Nel medioevo, la diffusione del nome si è estesa lungo le rotte commerciali e culturali del mondo arabo, raggiungendo l’area dell’India, dell’Africa settentrionale e delle isole del Mediterraneo. Con l’espansione dell’Impero ottomano, “Fatima az Zahra” divenne comune anche in Anatolia, nella Penisola Balcani e nel Nord Africa. Nel corso del Rinascimento e dell’era moderna, l’influenza del nome è stata evidente in molteplici opere letterarie, poesie e testi religiosi scritti in arabo, persiano, turco e in lingue locali.
Nel XIX e XX secolo, la presenza del nome è stata notevole in paesi di lingua araba, come Marocco, Tunisia, Egitto, Arabia Saudita e Yemen, dove è stato adottato sia come nome di battesimo sia come parte di nomi composti. In molti di questi luoghi, la variante “Fatima az‑Zahra” è spesso accompagnata da ulteriori elementi, come “al‑Rahma” (la misericordiosa) o “al‑Munira” (la luminosa), per arricchire il significato.

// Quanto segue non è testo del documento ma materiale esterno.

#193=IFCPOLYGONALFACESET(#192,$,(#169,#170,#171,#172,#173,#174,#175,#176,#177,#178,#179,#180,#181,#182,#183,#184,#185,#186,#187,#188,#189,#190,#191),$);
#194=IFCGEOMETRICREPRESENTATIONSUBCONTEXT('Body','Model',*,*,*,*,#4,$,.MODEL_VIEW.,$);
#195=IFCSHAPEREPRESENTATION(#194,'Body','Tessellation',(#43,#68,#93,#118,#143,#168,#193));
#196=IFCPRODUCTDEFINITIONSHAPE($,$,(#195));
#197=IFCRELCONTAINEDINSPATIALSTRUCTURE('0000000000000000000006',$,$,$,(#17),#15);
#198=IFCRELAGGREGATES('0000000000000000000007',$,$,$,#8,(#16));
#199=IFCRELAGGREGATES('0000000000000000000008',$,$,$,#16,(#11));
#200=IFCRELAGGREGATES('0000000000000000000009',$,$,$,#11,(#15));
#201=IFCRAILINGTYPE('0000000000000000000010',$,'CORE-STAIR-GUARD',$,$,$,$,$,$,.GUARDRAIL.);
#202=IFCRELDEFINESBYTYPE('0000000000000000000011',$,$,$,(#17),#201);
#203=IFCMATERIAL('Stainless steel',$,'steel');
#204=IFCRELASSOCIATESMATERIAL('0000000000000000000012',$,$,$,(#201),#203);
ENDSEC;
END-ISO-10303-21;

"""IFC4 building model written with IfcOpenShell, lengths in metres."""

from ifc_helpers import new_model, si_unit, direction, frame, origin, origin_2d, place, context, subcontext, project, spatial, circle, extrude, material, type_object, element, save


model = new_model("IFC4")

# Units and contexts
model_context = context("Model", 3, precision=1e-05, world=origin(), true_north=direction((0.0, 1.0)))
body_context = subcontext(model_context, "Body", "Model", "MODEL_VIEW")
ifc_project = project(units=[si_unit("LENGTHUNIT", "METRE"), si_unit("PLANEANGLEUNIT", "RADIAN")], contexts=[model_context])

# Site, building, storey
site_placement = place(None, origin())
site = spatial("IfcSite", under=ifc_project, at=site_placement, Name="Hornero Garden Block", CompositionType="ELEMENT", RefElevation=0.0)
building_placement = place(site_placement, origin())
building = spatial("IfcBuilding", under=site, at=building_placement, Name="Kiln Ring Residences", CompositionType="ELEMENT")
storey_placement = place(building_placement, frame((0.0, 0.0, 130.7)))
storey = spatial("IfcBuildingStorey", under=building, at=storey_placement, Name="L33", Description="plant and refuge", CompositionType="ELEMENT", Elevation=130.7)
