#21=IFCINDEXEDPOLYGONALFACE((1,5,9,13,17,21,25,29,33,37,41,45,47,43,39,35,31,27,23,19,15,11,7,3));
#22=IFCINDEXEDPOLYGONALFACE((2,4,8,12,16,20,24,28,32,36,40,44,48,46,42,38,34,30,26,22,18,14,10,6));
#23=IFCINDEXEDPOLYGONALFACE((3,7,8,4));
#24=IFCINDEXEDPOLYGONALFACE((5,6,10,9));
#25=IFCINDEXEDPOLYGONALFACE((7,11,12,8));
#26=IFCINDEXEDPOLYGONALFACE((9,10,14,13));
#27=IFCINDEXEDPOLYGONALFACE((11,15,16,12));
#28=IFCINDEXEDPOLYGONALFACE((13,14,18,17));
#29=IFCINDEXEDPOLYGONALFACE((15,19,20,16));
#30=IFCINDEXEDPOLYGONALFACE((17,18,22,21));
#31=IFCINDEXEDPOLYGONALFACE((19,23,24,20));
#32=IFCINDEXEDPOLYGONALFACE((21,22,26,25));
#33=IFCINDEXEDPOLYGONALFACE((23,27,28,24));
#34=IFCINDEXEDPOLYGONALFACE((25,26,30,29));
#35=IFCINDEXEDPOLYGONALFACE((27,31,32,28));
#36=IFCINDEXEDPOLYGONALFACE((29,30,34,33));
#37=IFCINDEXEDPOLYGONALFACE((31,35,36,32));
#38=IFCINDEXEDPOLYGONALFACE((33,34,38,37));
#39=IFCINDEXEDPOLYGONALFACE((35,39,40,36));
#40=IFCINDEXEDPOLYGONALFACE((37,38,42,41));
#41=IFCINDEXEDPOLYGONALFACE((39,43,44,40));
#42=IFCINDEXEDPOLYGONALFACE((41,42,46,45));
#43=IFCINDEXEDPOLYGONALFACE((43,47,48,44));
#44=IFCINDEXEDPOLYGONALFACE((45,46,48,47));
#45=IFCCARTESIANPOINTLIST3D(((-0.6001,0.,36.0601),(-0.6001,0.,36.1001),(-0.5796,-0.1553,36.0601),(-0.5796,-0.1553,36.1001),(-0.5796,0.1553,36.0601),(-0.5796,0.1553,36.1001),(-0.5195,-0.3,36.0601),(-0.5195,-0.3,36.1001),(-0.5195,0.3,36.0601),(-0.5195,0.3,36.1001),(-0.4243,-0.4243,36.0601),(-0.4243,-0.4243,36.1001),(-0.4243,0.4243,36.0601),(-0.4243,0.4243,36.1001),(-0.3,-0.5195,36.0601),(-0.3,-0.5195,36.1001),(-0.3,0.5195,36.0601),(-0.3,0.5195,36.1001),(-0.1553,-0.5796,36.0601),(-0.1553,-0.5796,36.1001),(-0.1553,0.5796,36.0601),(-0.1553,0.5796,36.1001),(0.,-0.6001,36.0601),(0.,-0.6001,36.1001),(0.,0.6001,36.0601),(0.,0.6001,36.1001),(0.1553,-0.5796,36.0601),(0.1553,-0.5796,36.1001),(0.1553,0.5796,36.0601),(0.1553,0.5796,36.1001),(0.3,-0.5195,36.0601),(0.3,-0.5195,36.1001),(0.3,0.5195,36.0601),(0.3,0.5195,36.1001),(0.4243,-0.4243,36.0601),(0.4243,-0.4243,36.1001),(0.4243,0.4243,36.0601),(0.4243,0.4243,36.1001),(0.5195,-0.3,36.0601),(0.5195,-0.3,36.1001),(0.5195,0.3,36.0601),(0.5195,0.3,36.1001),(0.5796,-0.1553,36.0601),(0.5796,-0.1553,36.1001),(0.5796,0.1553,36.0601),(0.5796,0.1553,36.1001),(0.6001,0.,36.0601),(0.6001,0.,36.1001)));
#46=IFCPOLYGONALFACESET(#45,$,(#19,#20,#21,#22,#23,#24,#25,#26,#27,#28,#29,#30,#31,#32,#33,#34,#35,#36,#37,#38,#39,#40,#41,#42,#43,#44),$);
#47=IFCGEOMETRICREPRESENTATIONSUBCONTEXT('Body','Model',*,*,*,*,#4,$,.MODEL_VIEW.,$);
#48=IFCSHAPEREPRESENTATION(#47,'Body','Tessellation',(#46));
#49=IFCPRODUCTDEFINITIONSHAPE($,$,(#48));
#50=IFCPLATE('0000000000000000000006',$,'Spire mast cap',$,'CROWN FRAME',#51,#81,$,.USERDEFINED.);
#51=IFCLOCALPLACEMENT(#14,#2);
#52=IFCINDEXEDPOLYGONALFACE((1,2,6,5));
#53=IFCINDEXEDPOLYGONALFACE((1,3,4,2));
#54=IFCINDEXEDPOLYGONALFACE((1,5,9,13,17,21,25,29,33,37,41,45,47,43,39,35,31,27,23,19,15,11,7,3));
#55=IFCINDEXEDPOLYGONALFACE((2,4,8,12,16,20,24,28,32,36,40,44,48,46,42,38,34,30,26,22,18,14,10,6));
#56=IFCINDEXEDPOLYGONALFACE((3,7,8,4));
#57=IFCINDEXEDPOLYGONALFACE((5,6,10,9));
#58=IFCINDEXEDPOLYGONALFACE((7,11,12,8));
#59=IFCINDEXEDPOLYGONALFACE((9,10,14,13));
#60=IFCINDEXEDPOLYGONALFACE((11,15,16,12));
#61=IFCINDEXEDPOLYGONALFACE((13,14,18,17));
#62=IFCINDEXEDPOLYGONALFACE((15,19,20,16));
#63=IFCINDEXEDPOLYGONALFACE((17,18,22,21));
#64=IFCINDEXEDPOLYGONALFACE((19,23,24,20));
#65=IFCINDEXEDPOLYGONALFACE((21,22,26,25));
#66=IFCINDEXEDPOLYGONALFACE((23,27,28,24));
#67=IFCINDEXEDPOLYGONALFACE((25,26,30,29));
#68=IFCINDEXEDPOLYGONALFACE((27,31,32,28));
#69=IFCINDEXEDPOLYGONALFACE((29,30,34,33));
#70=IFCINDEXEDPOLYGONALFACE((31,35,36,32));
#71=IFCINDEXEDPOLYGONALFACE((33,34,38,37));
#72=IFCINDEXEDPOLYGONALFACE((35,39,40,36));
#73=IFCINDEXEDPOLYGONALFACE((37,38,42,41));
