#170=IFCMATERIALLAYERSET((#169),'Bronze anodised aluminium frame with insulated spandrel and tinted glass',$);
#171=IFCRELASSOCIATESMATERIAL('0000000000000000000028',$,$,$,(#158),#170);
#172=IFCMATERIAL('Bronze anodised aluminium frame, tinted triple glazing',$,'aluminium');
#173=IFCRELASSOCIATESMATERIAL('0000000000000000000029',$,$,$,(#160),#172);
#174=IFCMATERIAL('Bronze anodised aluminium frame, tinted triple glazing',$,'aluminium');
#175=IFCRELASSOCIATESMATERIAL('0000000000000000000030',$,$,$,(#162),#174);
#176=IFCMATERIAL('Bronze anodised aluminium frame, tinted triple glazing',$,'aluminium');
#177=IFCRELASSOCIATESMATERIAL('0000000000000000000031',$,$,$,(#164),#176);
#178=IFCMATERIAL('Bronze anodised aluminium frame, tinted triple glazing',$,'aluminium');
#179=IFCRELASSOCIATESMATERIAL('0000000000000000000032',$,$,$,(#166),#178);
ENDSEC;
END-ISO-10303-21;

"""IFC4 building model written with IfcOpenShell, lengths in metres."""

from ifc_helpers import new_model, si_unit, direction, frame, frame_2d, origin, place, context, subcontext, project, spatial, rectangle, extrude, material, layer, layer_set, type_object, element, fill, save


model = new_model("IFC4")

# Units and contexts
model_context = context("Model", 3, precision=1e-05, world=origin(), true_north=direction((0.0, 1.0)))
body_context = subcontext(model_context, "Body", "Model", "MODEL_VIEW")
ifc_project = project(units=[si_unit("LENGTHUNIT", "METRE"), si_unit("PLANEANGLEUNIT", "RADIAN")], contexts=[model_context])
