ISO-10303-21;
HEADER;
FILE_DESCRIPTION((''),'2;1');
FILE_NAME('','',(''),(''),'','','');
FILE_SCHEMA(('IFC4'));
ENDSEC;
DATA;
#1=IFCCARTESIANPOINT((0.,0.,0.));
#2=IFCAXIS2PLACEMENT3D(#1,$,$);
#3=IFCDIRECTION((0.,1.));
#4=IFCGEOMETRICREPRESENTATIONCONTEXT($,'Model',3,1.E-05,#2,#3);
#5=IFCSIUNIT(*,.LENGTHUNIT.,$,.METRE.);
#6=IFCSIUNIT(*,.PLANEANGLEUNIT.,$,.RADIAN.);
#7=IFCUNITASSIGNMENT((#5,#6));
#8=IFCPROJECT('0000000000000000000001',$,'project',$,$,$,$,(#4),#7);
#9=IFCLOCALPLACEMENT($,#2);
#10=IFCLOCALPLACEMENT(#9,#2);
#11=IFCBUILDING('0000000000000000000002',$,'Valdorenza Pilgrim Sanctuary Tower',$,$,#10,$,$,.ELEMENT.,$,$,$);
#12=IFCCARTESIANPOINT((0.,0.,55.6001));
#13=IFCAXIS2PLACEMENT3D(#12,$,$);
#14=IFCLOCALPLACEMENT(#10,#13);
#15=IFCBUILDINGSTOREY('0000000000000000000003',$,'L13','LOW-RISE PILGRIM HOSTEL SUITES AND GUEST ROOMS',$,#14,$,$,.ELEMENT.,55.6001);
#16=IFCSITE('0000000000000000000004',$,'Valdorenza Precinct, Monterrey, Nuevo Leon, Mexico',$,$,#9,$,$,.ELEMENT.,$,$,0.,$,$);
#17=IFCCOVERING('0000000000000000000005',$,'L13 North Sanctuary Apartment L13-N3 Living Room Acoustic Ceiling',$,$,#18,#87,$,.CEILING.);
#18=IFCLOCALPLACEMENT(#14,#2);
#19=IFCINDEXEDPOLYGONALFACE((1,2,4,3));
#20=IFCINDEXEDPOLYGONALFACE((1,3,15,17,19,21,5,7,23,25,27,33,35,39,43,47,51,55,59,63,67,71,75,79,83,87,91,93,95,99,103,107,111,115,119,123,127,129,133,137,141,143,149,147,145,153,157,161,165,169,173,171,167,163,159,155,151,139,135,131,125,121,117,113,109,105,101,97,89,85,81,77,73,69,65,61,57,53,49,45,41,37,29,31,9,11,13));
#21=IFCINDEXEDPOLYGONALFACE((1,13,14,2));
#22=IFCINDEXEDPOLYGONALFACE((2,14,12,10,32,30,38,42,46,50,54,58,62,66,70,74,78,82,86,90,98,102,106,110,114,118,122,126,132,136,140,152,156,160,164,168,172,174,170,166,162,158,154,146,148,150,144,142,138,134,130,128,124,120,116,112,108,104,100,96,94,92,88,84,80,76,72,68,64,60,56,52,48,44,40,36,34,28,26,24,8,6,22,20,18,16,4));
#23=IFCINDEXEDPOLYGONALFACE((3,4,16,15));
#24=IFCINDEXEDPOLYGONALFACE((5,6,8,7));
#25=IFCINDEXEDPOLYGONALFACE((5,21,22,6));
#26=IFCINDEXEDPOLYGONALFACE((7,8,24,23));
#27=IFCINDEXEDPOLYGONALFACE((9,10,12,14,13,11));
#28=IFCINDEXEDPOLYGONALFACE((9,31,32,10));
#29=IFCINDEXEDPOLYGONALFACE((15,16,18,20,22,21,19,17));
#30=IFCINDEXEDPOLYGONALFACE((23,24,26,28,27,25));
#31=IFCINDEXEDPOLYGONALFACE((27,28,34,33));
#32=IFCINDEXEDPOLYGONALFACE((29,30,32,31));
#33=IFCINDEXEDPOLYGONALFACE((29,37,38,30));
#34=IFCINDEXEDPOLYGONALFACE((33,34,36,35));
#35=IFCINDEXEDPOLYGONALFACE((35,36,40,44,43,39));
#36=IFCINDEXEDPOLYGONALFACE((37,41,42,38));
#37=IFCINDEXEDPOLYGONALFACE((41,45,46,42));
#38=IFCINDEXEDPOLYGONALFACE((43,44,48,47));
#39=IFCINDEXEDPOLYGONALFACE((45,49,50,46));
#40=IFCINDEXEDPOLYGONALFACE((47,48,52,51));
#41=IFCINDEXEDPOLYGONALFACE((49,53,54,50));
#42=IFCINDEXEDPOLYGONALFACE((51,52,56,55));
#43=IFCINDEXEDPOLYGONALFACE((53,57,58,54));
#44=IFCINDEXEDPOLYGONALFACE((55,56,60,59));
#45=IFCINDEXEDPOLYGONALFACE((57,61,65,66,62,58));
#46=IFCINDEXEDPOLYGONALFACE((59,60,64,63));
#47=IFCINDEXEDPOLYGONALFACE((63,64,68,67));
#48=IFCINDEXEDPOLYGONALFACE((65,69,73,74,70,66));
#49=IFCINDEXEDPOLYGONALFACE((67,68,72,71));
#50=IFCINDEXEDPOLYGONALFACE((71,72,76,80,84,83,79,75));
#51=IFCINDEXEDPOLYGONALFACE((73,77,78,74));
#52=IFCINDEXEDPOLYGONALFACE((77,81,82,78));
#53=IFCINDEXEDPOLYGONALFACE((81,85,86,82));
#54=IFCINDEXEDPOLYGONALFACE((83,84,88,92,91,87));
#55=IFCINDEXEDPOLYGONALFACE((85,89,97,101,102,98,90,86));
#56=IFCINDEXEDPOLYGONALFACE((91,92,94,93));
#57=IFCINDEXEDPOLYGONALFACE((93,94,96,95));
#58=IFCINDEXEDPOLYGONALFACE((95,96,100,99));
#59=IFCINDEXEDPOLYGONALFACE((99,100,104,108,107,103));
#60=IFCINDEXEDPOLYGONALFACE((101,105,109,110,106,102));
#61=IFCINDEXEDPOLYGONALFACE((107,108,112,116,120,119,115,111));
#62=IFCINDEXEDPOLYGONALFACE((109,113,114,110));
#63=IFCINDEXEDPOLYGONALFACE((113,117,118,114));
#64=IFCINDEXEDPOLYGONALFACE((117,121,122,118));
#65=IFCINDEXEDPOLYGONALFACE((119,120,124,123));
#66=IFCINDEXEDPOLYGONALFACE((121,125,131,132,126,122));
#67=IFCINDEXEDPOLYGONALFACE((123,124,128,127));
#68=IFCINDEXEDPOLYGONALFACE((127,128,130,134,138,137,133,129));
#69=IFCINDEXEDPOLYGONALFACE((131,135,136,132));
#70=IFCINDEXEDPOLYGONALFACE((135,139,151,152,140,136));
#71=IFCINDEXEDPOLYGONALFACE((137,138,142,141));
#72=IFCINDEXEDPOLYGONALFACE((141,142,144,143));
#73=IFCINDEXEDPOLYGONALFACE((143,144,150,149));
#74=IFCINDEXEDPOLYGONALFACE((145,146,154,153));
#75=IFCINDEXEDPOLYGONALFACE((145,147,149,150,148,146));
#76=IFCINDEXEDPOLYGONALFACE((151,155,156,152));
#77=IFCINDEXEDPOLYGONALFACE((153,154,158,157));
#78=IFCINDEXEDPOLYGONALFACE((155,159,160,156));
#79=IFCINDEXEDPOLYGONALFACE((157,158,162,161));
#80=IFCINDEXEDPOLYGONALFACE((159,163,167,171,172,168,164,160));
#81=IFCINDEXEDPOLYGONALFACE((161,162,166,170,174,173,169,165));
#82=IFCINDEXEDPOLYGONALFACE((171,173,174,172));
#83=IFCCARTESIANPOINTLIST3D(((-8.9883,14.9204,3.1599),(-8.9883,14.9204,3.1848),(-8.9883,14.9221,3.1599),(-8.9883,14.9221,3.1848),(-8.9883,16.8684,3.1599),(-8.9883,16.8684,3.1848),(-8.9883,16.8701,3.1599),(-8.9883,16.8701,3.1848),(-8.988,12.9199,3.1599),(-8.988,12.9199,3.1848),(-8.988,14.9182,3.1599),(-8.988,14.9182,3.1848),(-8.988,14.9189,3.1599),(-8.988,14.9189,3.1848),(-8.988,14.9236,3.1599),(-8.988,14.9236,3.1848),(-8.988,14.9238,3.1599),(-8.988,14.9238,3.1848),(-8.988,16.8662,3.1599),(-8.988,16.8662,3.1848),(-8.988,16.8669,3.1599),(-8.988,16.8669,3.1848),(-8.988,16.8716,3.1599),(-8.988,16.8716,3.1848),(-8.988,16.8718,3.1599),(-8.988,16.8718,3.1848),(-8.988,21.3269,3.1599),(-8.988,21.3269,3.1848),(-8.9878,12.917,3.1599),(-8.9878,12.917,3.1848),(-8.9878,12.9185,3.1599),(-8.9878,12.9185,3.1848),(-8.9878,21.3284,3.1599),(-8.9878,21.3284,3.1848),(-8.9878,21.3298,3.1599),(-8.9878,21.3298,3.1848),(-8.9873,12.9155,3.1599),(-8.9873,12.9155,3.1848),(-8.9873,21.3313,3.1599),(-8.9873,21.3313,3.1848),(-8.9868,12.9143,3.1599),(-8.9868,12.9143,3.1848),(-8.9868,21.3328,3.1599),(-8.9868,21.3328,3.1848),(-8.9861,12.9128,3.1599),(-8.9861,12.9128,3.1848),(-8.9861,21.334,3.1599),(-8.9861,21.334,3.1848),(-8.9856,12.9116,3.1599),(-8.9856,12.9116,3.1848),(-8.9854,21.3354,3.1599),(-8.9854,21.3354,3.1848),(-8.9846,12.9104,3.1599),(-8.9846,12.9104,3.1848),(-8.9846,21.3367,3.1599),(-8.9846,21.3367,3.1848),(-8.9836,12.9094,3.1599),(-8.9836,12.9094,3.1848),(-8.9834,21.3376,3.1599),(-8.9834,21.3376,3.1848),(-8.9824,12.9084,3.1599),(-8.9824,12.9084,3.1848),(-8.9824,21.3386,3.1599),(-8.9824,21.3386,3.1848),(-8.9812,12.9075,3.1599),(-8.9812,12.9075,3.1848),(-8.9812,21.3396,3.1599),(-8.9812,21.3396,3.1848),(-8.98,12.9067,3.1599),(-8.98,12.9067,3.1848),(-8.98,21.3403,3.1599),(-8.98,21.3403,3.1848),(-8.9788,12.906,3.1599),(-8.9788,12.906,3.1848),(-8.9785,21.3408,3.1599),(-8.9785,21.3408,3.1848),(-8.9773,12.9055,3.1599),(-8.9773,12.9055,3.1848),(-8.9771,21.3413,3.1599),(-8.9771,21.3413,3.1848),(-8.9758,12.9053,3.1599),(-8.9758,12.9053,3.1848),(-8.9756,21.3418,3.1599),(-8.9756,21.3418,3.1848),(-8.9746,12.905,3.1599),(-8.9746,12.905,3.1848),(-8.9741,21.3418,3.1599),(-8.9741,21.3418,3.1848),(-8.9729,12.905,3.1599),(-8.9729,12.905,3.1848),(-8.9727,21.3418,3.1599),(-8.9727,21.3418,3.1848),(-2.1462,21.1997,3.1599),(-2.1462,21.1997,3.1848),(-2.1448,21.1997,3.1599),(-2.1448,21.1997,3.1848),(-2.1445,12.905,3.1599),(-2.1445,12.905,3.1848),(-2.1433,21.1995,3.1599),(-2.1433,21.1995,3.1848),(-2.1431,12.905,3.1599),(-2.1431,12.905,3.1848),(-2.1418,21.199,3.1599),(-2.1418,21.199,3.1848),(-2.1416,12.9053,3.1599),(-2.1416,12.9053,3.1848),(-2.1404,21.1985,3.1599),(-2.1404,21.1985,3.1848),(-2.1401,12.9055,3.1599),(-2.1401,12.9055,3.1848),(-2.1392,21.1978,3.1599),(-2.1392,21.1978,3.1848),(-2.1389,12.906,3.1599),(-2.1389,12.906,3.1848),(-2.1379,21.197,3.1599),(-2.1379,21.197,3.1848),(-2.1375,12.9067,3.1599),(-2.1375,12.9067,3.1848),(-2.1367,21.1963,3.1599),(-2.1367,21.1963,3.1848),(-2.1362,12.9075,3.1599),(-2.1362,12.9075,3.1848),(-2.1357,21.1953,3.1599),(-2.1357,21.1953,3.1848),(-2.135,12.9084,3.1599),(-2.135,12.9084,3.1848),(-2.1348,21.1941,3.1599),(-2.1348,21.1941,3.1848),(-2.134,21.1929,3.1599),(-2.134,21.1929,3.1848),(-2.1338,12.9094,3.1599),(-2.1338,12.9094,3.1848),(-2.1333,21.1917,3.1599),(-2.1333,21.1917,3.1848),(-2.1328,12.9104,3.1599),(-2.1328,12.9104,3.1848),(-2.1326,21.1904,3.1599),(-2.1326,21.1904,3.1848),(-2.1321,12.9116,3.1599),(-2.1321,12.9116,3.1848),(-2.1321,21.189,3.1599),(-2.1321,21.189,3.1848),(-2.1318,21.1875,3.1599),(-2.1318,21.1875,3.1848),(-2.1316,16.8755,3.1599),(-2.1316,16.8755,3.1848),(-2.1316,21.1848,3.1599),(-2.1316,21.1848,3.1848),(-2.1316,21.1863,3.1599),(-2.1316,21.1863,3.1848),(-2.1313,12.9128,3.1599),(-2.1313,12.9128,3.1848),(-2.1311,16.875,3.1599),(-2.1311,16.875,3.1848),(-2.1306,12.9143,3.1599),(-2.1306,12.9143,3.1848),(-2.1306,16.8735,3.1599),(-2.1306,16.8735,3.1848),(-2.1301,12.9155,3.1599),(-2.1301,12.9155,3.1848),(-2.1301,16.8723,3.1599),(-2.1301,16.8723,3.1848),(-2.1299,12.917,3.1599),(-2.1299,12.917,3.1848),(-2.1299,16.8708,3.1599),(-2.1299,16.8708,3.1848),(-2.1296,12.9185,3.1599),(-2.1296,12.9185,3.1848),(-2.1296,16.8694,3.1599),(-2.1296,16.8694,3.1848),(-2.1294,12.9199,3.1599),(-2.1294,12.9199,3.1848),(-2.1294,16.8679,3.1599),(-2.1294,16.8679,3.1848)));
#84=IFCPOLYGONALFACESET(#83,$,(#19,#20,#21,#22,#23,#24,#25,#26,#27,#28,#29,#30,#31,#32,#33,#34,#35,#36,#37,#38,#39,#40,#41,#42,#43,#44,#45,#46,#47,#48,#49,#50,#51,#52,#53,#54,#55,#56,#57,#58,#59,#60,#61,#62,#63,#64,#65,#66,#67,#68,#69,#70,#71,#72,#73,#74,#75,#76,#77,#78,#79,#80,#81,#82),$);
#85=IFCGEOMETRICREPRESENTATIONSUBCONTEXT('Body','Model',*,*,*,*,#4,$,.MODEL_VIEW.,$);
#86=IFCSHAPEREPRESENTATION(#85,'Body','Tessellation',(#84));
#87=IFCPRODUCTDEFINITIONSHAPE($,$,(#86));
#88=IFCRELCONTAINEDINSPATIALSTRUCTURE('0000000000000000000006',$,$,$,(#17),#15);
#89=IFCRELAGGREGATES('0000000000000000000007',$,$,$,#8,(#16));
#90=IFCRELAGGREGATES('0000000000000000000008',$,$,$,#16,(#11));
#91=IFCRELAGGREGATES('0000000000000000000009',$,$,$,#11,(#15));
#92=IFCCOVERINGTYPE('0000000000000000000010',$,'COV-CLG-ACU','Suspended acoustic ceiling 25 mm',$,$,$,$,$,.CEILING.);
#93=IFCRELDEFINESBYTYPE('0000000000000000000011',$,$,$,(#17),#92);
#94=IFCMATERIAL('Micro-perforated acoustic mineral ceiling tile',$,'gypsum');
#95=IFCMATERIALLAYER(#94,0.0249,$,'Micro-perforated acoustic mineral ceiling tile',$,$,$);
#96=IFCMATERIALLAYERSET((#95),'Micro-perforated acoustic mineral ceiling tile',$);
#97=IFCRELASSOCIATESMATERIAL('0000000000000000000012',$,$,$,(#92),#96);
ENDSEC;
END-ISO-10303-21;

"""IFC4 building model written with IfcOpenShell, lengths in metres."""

from ifc_helpers import new_model, si_unit, direction, frame, origin, place, context, subcontext, project, spatial, polyline, outline, extrude, material, layer, layer_set, type_object, element, save


model = new_model("IFC4")

# Units and contexts
model_context = context("Model", 3, precision=1e-05, world=origin(), true_north=direction((0.0, 1.0)))
body_context = subcontext(model_context, "Body", "Model", "MODEL_VIEW")
ifc_project = project(units=[si_unit("LENGTHUNIT", "METRE"), si_unit("PLANEANGLEUNIT", "RADIAN")], contexts=[model_context])

# Site, building, storey
site_placement = place(None, origin())
site = spatial("IfcSite", under=ifc_project, at=site_placement, Name="Valdorenza Precinct, Monterrey, Nuevo Leon, Mexico", CompositionType="ELEMENT", RefElevation=0.0)
building_placement = place(site_placement, origin())
building = spatial("IfcBuilding", under=site, at=building_placement, Name="Valdorenza Pilgrim Sanctuary Tower", CompositionType="ELEMENT")
storey_placement = place(building_placement, frame((0.0, 0.0, 55.6001)))
storey = spatial("IfcBuildingStorey", under=building, at=storey_placement, Name="L13", Description="LOW-RISE PILGRIM HOSTEL SUITES AND GUEST ROOMS", CompositionType="ELEMENT", Elevation=55.6001)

Il nome è stato portato da figure di rilievo nella storia contemporanea, tra cui regine, duchesse e personalità pubbliche in diversi paesi musulmani. La sua popolarità è rimasta costante, riflettendo la continuità della tradizione culturale arabo‑musulmana.
**Varianti e usi**
In diverse lingue e tradizioni, il nome appare con leggere variazioni di pronuncia e ortografia: Fatimah, Fátima, Fatema, Fatim, Fatima e in alcune regioni è scritto come Fatima az Zahra. In Italia, è usato soprattutto in contesti di comunità arabo‑musulmane e in alcune famiglie di discendenza araba, dove mantiene la sua forma originale o viene adattato a “Fattima” o “Fátima”.
Il nome Fatima az Zahra, dunque, rappresenta un esempio di come la lingua arabo abbia trasmesso nel corso dei secoli valori di luminosità, bellezza e storia, conferendogli un significato ricco e duraturo nelle culture del mondo arabo e oltre.
Le nome Fatima azzahraa è apparso per la prima volta nell'elenco dei nomi più popolari in Italia nel 2008 con un totale di 4 nascite registrate durante quell'anno.
Tuttavia, il numero di nascite con questo nome ha subito una notevole diminuzione negli ultimi anni. Infatti, solo una nascita è stata registrata nel 2023.
In totale, dal 2008 al 2023, ci sono state solo 5 nascite registrate in Italia con il nome Fatima azzahraa.